1 2 3 4=2^2 5 6 7 8 = 2^3 9 10
11 12 13 14 15 16=2^4 17 18 19 20
21 22 23 24 25 26 27 28 29 30
31 32=2^5 33 34 35 36 37 38 39 40
41 42 43 44 45 46 47 48 49 50

In the first iteration, above, the first prime (shown red) and four composites (not necessarily the first four – shown in blue) have been confirmed; all remaining numbers (black) are of undetermined status.

1 2 3 4=2^2 5 6=2 x 3 7 8 = 2^3 9 = 3^2 10
11 12 = 2^2 x 3 13 14 15 16=2^4 17 18 = 2 x 3^2 19 20
21 22 23 24 = 2^3 x 3 25 26 27 = 3^3 28 29 30
31 32=2^5 33 34 35 36 = 2^2 x 3^2 37 38 39 40
41 42 43 44 45 46 47 48 = 2^4 x 3 49 50

Iteration 2 has two confirmed primes, giving rise to a total of twelve composites within the range under consideration.
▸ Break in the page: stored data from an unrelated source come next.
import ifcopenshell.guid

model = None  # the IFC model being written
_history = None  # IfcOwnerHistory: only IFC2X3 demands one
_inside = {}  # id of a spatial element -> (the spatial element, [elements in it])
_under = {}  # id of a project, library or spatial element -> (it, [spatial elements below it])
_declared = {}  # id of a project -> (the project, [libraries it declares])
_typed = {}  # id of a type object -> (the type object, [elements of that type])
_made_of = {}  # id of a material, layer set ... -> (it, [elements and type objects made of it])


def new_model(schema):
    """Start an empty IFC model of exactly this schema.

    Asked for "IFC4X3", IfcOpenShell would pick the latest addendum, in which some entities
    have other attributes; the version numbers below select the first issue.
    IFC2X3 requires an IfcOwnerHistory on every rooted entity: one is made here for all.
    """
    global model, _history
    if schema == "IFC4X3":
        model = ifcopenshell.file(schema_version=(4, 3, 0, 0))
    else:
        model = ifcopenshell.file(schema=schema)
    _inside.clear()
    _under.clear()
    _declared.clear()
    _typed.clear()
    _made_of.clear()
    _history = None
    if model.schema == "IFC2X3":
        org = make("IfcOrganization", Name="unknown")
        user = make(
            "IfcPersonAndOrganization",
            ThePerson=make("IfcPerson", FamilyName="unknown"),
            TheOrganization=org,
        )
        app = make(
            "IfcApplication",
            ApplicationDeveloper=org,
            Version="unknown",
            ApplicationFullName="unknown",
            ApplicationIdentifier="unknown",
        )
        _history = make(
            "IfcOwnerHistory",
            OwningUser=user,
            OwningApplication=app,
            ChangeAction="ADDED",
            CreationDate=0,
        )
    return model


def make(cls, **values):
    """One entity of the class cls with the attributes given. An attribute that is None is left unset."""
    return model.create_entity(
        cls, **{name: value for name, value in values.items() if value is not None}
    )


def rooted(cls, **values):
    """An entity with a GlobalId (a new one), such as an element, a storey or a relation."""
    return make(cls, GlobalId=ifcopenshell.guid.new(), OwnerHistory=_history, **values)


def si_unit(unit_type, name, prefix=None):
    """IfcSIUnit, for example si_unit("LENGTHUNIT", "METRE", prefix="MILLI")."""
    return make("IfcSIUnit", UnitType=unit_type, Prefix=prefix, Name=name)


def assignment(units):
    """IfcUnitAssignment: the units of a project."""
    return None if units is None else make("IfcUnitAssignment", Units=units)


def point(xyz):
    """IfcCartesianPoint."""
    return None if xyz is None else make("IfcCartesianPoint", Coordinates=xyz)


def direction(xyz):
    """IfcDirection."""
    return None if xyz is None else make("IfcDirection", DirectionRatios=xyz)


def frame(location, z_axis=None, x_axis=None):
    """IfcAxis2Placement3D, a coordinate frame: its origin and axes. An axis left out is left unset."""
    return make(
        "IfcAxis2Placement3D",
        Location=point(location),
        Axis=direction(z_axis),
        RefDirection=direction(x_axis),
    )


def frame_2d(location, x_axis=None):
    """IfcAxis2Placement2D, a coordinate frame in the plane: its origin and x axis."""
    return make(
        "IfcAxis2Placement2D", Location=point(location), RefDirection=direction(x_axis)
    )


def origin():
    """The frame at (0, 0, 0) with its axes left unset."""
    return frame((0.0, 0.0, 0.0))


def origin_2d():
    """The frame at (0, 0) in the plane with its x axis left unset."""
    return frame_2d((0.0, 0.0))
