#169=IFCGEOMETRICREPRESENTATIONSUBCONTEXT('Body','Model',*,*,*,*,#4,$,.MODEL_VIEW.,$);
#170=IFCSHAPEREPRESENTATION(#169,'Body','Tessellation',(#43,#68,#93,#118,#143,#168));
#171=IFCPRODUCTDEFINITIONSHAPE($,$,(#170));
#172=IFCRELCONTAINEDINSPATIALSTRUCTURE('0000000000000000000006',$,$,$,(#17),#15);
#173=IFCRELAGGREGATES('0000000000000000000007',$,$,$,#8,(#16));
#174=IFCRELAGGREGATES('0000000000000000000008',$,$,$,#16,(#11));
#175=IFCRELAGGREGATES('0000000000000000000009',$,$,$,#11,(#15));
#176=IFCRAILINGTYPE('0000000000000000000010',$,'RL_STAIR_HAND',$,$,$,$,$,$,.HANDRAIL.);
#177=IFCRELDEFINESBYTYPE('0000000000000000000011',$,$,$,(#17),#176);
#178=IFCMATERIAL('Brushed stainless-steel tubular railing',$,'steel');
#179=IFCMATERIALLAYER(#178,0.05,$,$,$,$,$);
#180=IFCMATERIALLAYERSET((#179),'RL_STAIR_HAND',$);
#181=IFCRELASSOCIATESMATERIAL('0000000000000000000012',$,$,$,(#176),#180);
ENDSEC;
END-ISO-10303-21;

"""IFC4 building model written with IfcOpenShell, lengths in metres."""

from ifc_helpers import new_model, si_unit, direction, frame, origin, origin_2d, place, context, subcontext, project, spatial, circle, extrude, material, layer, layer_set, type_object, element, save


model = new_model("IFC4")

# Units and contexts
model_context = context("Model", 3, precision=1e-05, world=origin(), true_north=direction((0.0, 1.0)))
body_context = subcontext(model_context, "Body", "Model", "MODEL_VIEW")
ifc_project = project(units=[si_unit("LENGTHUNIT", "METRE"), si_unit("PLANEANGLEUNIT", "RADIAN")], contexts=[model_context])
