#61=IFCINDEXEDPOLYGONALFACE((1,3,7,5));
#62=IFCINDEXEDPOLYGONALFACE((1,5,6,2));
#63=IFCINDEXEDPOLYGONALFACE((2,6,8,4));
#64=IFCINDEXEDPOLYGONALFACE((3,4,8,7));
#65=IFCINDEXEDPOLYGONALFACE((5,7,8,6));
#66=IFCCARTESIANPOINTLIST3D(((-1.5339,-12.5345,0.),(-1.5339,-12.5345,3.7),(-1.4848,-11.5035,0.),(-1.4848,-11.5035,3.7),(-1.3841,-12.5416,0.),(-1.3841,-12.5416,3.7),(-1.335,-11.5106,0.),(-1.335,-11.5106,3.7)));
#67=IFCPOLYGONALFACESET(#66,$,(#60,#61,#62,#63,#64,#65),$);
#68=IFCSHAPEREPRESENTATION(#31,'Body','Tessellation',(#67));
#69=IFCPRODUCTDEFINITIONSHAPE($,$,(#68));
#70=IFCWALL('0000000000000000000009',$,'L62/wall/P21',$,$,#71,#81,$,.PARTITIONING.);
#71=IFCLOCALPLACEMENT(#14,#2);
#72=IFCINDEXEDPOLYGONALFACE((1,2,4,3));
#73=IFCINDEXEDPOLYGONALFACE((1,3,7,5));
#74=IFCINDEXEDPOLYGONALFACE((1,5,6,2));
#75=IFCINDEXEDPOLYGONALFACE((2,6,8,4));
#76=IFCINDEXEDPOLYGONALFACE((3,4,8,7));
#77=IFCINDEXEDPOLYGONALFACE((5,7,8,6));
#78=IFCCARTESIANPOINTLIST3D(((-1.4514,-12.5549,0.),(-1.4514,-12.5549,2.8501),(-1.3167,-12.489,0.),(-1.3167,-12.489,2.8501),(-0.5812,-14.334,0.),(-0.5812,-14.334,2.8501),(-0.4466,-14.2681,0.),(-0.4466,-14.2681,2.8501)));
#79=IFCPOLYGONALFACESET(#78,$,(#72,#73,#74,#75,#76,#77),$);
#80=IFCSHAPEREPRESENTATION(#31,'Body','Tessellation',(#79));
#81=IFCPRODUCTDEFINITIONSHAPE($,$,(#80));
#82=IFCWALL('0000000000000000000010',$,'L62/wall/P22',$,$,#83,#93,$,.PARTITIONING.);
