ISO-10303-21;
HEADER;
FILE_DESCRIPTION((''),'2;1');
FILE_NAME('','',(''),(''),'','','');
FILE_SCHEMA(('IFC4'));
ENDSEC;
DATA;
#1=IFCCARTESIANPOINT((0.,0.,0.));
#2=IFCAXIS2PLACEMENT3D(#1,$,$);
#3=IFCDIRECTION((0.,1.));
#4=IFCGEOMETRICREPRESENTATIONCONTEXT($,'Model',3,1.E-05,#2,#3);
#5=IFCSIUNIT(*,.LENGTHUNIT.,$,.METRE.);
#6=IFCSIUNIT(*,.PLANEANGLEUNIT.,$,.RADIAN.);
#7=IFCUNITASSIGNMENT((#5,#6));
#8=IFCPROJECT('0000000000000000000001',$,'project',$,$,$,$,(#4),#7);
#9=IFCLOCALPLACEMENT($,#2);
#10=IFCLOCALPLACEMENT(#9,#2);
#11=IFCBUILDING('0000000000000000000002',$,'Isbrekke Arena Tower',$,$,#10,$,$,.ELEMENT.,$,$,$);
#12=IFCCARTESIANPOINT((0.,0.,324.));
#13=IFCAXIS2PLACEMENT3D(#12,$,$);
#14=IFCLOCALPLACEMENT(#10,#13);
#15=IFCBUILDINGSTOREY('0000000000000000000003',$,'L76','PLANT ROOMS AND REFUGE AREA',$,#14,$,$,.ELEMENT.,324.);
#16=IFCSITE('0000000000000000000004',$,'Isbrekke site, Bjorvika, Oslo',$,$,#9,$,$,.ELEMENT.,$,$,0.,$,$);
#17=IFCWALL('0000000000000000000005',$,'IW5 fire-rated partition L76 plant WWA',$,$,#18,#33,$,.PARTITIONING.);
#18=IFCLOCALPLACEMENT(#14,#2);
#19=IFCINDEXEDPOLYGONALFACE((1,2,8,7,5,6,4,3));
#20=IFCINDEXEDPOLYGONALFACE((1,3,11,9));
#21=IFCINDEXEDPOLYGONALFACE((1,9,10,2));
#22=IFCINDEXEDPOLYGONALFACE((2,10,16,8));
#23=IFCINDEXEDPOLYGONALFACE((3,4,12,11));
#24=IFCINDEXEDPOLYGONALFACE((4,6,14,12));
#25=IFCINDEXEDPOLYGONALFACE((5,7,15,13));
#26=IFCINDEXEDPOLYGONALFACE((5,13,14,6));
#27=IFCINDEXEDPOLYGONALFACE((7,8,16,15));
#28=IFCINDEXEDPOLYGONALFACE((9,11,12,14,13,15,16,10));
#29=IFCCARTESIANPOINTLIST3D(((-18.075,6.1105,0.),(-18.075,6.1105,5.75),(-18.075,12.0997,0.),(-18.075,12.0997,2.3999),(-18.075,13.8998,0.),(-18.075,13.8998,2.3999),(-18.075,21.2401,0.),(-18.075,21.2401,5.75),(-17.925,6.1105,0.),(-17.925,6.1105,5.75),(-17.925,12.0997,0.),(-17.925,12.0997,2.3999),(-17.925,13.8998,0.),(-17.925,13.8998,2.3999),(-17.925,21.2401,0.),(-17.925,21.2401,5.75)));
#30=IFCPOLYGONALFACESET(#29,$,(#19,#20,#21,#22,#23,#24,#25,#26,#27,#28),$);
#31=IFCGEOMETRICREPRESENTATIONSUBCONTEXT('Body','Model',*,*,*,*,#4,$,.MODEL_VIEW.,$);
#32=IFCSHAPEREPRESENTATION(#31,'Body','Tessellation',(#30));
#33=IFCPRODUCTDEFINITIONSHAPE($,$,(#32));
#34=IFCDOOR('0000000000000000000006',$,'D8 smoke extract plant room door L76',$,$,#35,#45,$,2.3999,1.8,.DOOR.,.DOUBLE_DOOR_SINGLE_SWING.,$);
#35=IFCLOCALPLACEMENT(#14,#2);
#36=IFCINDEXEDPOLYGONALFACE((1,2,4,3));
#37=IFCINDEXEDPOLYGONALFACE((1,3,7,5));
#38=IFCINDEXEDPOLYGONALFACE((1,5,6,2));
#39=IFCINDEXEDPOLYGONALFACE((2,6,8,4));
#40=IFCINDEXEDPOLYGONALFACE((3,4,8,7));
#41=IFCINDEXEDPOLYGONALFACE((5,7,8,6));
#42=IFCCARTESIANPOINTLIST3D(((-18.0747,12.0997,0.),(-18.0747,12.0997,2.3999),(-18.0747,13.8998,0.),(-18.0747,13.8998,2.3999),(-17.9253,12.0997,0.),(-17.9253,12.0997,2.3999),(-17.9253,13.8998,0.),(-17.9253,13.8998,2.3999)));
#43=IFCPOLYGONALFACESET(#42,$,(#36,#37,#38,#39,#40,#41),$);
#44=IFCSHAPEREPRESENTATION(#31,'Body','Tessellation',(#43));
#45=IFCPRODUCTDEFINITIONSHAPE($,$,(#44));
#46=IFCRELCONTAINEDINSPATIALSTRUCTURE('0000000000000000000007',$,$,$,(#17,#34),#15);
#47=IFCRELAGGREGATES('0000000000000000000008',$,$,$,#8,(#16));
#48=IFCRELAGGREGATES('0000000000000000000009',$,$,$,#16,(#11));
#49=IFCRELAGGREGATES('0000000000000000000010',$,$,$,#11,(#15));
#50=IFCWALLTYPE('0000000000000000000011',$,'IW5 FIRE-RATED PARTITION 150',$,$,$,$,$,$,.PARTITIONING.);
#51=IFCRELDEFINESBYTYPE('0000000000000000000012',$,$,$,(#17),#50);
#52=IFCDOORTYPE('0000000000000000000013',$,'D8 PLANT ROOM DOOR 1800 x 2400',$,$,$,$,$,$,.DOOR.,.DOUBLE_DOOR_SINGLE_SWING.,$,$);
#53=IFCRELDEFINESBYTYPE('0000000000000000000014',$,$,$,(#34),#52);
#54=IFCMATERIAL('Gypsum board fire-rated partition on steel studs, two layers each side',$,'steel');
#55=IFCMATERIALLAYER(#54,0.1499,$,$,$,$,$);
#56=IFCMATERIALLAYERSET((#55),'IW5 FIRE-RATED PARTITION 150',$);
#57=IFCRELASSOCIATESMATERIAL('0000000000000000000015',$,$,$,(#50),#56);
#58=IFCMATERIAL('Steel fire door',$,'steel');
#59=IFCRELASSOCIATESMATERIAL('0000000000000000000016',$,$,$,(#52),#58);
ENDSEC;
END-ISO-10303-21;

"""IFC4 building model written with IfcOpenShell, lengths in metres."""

from ifc_helpers import new_model, si_unit, direction, frame, frame_2d, origin, place, context, subcontext, project, spatial, rectangle, extrude, material, layer, layer_set, type_object, element, fill, save


model = new_model("IFC4")

# Units and contexts
model_context = context("Model", 3, precision=1e-05, world=origin(), true_north=direction((0.0, 1.0)))
body_context = subcontext(model_context, "Body", "Model", "MODEL_VIEW")
ifc_project = project(units=[si_unit("LENGTHUNIT", "METRE"), si_unit("PLANEANGLEUNIT", "RADIAN")], contexts=[model_context])

# Site, building, storey
site_placement = place(None, origin())
site = spatial("IfcSite", under=ifc_project, at=site_placement, Name="Isbrekke site, Bjorvika, Oslo", CompositionType="ELEMENT", RefElevation=0.0)
building_placement = place(site_placement, origin())
building = spatial("IfcBuilding", under=site, at=building_placement, Name="Isbrekke Arena Tower", CompositionType="ELEMENT")
storey_placement = place(building_placement, frame((0.0, 0.0, 324.0)))
storey = spatial("IfcBuildingStorey", under=building, at=storey_placement, Name="L76", Description="PLANT ROOMS AND REFUGE AREA", CompositionType="ELEMENT", Elevation=324.0)

# Wall, opening, door
ifc_material_1 = material(Name="Gypsum board fire-rated partition on steel studs, two layers each side", Category="steel")
ifc_layer_1 = layer(ifc_material_1, 0.1499)
ifc_layer_set_1 = layer_set([ifc_layer_1], Name="IW5 FIRE-RATED PARTITION 150")
wall_type_1 = type_object("IfcWallType", Name="IW5 FIRE-RATED PARTITION 150", PredefinedType="PARTITIONING", material=ifc_layer_set_1)
wall_1_placement = place(storey_placement, frame((-18.0, 6.1104, 0.0), z_axis=(0.0, 0.0, 1.0), x_axis=(0.0, 1.0, 0.0)))
wall_1 = element("IfcWall", 1, at=wall_1_placement, inside=storey, type_object=wall_type_1, Name="IW5 fire-rated partition L76 plant WWA", PredefinedType="PARTITIONING", context=body_context, shape_type="SweptSolid", body=[
    extrude(rectangle(XDim=15.1296, YDim=0.1499, at=frame_2d((7.5649, 0.0))), origin(), (0.0, 0.0, 1.0), 5.75),
])
opening_1_placement = place(wall_1_placement, frame((5.9895, 0.0, 0.0)))
opening_1 = element("IfcOpeningElement", 2, at=opening_1_placement, cuts=wall_1, PredefinedType="OPENING", context=body_context, shape_type="SweptSolid", body=[
    extrude(rectangle(XDim=1.8, YDim=2.3999, at=frame_2d((0.8999, 1.2))), frame((0.0, 0.0898, 0.0), z_axis=(0.0, -1.0, 0.0), x_axis=(1.0, 0.0, 0.0)), (0.0, 0.0, 1.0), 0.1797),
])
ifc_material_2 = material(Name="Steel fire door", Category="steel")
door_type_1 = type_object("IfcDoorType", Name="D8 PLANT ROOM DOOR 1800 x 2400", OperationType="DOUBLE_DOOR_SINGLE_SWING", PredefinedType="DOOR", material=ifc_material_2)
door_1_placement = place(opening_1_placement, origin())
door_1 = element("IfcDoor", 3, at=door_1_placement, inside=storey, type_object=door_type_1, Name="D8 smoke extract plant room door L76", OperationType="DOUBLE_DOOR_SINGLE_SWING", OverallHeight=2.3999, OverallWidth=1.8, PredefinedType="DOOR", context=body_context, shape_type="SweptSolid", body=[
    extrude(rectangle(XDim=1.8, YDim=2.3999, at=frame_2d((0.8999, 1.2))), frame((0.0, 0.0747, 0.0), z_axis=(0.0, -1.0, 0.0), x_axis=(1.0, 0.0, 0.0)), (0.0, 0.0, 1.0), 0.1494),
])
fill(opening_1, door_1)

save(model, "model.ifc")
1 2 3 4=2^2 5 6=2 x 3 7 8 = 2^3 9 = 3^2 10 = 2 x 5
11 12 = 2^2 x 3 13 14 15 = 3 x 5 16=2^4 17 18 = 2 x 3^2 19 20 = 2^2 x 5
21 22 23 24 = 2^3 x 3 25 = 5^2 26 27 = 3^3 28 29 30 = 3 x 5
31 32=2^5 33 34 35 36 = 2^2 x 3^2 37 38 39 40 = 2^2 x 5
41 42 43 44 45 = 3^2 x 5 46 47 48 = 2^4 x 3 49 50 = 2 x 5^2

The third prime and eight more composites appear in iteration 3.
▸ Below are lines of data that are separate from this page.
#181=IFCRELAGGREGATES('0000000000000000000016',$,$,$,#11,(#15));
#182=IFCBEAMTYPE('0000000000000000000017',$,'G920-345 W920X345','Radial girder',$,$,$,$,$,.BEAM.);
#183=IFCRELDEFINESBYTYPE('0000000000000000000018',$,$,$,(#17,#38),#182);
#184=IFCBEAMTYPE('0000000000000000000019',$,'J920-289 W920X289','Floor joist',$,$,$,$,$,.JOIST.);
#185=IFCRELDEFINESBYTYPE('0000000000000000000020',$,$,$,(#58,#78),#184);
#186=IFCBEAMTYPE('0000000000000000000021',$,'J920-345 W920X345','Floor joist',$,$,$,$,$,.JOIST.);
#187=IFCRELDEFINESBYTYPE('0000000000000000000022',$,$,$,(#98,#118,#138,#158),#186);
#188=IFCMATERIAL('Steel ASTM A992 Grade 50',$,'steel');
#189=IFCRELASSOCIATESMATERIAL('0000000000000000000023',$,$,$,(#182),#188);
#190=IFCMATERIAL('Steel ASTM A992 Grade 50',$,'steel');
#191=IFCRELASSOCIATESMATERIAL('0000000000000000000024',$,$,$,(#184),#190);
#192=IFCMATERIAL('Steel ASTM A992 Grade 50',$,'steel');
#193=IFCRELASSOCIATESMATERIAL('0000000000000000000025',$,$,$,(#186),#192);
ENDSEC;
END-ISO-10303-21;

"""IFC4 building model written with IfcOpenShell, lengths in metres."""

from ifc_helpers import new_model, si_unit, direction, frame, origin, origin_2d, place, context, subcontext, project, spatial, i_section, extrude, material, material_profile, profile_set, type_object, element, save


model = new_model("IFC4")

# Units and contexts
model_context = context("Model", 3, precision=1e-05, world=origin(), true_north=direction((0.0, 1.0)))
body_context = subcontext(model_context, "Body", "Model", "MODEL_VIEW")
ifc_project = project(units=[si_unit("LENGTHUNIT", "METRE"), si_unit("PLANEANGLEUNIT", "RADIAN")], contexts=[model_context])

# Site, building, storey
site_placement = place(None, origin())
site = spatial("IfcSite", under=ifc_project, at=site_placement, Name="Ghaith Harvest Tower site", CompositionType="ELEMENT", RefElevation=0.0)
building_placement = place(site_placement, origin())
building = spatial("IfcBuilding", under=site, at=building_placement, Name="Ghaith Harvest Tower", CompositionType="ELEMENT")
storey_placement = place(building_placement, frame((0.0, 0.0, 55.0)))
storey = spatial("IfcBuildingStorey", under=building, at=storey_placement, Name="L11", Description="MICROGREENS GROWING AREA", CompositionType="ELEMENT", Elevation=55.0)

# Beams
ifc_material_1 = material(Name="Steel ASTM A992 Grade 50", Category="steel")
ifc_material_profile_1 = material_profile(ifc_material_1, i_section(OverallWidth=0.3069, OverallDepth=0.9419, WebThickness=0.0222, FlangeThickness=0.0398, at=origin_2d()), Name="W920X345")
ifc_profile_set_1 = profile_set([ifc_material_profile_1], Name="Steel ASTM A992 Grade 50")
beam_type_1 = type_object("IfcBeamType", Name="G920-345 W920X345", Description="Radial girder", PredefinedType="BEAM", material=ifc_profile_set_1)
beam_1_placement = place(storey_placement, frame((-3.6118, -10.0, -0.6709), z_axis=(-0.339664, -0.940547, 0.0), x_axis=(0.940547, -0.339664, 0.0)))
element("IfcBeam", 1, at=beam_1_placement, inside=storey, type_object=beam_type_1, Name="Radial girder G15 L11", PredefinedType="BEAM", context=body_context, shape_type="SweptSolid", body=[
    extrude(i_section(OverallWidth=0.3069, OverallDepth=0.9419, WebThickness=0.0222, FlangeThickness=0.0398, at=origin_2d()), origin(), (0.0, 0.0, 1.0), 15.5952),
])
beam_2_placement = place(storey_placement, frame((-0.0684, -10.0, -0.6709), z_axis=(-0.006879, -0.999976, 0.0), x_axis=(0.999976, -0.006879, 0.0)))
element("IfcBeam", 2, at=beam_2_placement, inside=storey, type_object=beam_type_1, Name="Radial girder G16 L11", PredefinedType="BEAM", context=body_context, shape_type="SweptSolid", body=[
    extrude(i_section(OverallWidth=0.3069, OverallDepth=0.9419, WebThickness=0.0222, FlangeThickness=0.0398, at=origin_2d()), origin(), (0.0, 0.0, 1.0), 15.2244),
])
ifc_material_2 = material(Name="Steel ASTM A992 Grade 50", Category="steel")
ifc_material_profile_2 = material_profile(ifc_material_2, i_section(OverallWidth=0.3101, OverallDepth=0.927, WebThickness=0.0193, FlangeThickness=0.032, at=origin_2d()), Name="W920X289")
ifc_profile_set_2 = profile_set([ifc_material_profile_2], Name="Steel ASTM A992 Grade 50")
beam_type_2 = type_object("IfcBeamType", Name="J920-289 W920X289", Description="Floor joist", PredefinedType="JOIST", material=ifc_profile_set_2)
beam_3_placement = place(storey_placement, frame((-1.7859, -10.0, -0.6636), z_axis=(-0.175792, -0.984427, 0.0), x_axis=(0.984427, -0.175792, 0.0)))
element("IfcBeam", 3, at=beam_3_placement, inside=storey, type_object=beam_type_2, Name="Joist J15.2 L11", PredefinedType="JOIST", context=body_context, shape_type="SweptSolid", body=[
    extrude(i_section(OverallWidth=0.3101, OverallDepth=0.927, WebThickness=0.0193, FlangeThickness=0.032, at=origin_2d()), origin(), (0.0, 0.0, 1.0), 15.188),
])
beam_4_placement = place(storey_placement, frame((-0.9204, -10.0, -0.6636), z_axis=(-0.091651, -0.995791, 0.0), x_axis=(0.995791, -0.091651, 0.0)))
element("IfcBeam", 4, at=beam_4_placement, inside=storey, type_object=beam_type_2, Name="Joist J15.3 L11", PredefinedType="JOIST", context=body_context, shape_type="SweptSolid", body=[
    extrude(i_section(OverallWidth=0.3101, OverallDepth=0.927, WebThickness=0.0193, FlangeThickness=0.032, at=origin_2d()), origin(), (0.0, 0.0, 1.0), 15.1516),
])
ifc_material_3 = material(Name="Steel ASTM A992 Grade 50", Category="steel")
The advantages of the revised algorithm

Both the original and revised algorithms make clear what the next prime is, while the status of all other numbers in black await determination. Importantly for my purposes the new algorithm, unlike the sieve, at the point of identifying composites also generates an explicit prime factorisation for each. Note that this would not be the case if, at the fifth step, it allowed for multiplying all numbers by each newly confirmed prime: a worthwhile trade-off, I feel, for the loss of efficiency in relation to the bulk identification of composites the sieve provides (recall that all composites – and, consequently, primes – up to 50 had been identified by the fourth iteration of the sieve). The process of prime factorisation, somewhat paradoxically, emerges as a constructive rather than a destructive one. I want my learners to be able ultimately to determine whether a given number is prime and, if not, to decompose it into its prime factors. However, I feel a deeper understanding of these processes is added by this complementary approach. For me, it provides a beautiful illustration (although not, of course, a proof) of the fundamental theorem of arithmetic which tells us that every positive whole number can be expressed as a unique product of primes. This, in turn, provides us with the reason why 1 is not considered prime: introduce 1 into any prime factorisation and the uniqueness is gone. It also affords opportunities for students to generate their own questions and conjectures – for example:

  • What is the first composite that will be determined by the next iteration?
  • What does this tell us about the numbers before the next composite whose status (prime or composite) is not yet determined?
  • How many iterations are needed to be sure of finding all the primes below a given number?

To conclude the discussion, I believe that by combining a slowed-down application of the sieve of Eratosthenes in conjunction with the revised algorithm offered above we can open doors to an abundance of mathematical ideas, including those underlying some of the greatest works in the history of the discipline such as Euclid’s proof of the infinitude of primes, the prime number theorem and the Riemann Hypothesis, to name but a few.

Gerry became a secondary school maths teacher in Scotland after a career change 12 years ago; he is currently working for Glasgow City Council. His ultimate ambition is for all of his learners to see their mathematics education as a gift rather than a duty.